# My First Fattie



## NU2SMOKE (Jul 12, 2019)

Ever since I found this forum I have found a wealth of things that I have got to try.  A fattie very quickly rose to the top of the list.  I would likr to say Thank you in advance to 

 gmc2003
 for the instructional threads he did. Which gave me the confidence to give this a try!

So here it goes: MY FIRST MEAT LOVERS FATTIE ala NU2SMOKE

I used 2 lbs of sausage...mixture of italian and hot!  I mixed in some spices and some grated parmesan cheese into the meat mix.  I put it in the gallon bag and pressed it evenly flat. 






I then transferred it to a sheet of saran wrap, dusted it with some BBQ rub and laid down some Boars head provolone. One piece for the fattie one for me...one for the fattie...one for me.....  (YES THIS IS A RECURRING THEME)

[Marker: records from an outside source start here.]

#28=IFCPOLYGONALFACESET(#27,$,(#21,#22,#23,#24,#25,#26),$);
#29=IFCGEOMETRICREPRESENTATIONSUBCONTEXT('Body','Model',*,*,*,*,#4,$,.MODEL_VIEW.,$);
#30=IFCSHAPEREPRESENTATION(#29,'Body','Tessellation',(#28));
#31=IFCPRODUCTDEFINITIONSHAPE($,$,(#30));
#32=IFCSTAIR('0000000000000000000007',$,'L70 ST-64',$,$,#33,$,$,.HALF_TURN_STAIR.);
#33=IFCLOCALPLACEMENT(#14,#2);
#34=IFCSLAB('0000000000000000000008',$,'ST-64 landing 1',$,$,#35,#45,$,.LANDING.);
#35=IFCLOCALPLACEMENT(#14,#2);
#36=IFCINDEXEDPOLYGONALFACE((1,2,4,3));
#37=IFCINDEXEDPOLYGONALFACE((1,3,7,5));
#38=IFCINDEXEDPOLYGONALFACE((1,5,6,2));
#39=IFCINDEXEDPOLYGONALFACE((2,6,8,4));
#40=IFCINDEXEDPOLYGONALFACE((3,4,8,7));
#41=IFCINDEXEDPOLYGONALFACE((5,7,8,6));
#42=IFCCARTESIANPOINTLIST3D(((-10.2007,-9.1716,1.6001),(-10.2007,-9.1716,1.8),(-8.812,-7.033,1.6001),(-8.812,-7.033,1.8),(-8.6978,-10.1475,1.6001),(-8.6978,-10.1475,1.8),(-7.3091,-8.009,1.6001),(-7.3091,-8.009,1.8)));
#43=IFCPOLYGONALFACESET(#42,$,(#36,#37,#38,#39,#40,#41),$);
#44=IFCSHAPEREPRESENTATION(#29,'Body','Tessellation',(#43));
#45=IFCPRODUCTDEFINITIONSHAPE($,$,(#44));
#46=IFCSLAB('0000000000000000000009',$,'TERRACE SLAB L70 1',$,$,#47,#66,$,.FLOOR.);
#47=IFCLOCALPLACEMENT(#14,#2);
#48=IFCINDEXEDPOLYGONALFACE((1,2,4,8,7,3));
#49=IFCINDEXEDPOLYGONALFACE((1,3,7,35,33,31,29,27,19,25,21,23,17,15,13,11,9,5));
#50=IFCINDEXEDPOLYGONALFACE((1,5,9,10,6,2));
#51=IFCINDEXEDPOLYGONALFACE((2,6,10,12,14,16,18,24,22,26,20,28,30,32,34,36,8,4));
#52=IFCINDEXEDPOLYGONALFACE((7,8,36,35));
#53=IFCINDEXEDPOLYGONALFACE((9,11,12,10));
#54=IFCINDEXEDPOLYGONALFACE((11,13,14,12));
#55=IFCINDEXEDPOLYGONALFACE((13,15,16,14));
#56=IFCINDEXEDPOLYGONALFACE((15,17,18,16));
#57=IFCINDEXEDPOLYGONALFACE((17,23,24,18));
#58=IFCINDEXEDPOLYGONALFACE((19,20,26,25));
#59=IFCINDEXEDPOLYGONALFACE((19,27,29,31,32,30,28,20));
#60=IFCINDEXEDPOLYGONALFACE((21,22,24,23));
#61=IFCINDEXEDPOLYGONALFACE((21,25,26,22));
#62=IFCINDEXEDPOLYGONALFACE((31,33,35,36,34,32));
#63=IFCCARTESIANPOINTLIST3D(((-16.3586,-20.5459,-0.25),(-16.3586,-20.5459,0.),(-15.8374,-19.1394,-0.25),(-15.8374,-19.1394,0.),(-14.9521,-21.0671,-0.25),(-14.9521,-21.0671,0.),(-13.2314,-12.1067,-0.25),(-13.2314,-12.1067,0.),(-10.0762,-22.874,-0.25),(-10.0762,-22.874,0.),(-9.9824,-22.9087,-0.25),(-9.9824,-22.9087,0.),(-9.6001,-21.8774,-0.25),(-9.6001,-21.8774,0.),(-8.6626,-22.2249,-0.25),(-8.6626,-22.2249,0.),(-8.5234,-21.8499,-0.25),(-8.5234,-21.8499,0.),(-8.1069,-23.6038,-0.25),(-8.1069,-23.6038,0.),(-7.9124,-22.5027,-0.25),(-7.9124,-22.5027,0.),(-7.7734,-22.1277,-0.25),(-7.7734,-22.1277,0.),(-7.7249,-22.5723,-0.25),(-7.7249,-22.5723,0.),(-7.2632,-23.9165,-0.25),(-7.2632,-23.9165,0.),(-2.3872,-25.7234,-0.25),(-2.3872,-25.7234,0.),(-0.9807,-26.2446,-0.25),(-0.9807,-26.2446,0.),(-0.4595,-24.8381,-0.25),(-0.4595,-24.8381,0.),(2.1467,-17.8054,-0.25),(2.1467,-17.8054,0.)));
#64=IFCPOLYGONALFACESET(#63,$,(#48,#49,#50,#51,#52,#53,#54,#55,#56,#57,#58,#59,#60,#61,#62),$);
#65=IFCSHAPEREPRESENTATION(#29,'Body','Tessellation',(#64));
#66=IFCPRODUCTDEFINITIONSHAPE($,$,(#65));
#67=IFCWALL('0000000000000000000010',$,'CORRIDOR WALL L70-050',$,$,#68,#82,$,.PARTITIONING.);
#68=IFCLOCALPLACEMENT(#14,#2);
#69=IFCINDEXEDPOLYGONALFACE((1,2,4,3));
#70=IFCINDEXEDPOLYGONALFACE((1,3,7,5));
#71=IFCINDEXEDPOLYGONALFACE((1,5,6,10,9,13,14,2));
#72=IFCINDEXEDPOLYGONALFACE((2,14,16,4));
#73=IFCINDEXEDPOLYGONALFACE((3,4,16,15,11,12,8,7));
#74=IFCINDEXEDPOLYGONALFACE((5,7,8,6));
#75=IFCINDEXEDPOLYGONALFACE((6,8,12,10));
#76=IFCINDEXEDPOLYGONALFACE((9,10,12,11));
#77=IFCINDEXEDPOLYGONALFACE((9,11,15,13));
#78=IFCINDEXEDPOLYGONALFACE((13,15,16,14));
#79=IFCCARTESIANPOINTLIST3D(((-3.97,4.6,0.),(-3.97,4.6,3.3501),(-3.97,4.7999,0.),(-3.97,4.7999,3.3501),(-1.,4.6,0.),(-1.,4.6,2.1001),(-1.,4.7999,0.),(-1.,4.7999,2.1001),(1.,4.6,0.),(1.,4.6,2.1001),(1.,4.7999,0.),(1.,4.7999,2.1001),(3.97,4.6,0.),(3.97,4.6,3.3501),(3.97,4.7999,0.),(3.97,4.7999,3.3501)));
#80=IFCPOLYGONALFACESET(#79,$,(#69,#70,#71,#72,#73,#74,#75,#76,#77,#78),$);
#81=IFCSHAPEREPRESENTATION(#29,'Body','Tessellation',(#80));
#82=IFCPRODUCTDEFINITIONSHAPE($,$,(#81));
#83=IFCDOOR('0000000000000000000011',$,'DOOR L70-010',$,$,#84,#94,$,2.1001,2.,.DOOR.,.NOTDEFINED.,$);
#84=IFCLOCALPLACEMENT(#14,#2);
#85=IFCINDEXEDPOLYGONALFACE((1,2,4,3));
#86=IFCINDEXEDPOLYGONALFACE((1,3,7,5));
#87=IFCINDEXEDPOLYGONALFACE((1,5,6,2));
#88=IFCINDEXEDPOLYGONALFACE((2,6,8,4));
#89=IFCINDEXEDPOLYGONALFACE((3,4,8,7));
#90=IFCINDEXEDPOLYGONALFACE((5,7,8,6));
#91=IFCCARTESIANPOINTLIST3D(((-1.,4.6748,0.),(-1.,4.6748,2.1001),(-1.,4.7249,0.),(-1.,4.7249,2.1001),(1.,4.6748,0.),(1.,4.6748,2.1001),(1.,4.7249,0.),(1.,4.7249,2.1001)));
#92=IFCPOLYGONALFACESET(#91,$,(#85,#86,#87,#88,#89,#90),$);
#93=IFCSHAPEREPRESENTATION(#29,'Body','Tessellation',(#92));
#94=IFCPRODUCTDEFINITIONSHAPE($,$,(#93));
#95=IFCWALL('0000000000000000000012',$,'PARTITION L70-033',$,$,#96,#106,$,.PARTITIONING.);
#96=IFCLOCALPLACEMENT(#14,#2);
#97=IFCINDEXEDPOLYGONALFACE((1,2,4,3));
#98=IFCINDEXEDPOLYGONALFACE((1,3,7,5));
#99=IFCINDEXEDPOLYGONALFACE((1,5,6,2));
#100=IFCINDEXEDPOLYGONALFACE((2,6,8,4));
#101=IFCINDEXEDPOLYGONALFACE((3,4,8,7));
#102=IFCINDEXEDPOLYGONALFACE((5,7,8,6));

Second layer was Boars Head Hot Cappicola! And yes you guessed it ...One piece for the fattie one for me...lol






Next came the Salami...Boars Head of course and no I didnt do the one and one on this one.....It was one for the fattie and 2 FOR ME!!! Did I mention a love Salami.  










Finished it up with Pepperoni and generous amount of Shredded Mozzarella!






Here she is all wrapped up and put in the fridge to set.






When I had chatted with 

 gmc2003
 about how to do a fattie and he linked me to his series on it he asked me if I was going to Bacon Wrap it.  BACON WRAP?!?!  I didnt even know these things existed let alone how to do a bacon wrap....I started sweatting and nerves got the better of me and I blurted out and typed... "OF COURSE"  oh God what did I just do?!?!?
I just comited to doing this so ....without furthur addo

Here she is Bacon wrapped ready for the smoker!






I put her on the Rec Tec Bull at 250 deg with some Pecan and Cherry pellets and let her go for 2 hours at which time I probed and was at 122.  I bumped up the temp to 450 to crisp the bacon and 45 min later....The end result!








No of course I did not want to do the "Rookie Mistake" as Chris had pointed out so I let it rest for 15 min....People....THAT WAS THE HARDEST PART!!!
After the required waiting...well...The cut!












It was perfect and 20 min later there was NOTHING LEFT!  

Thank you for taking this Journey with me and a very special Thank you to Chris for the step by step tutorial without which this would not have been possible!
This is a great forum with great people sharing great recipes!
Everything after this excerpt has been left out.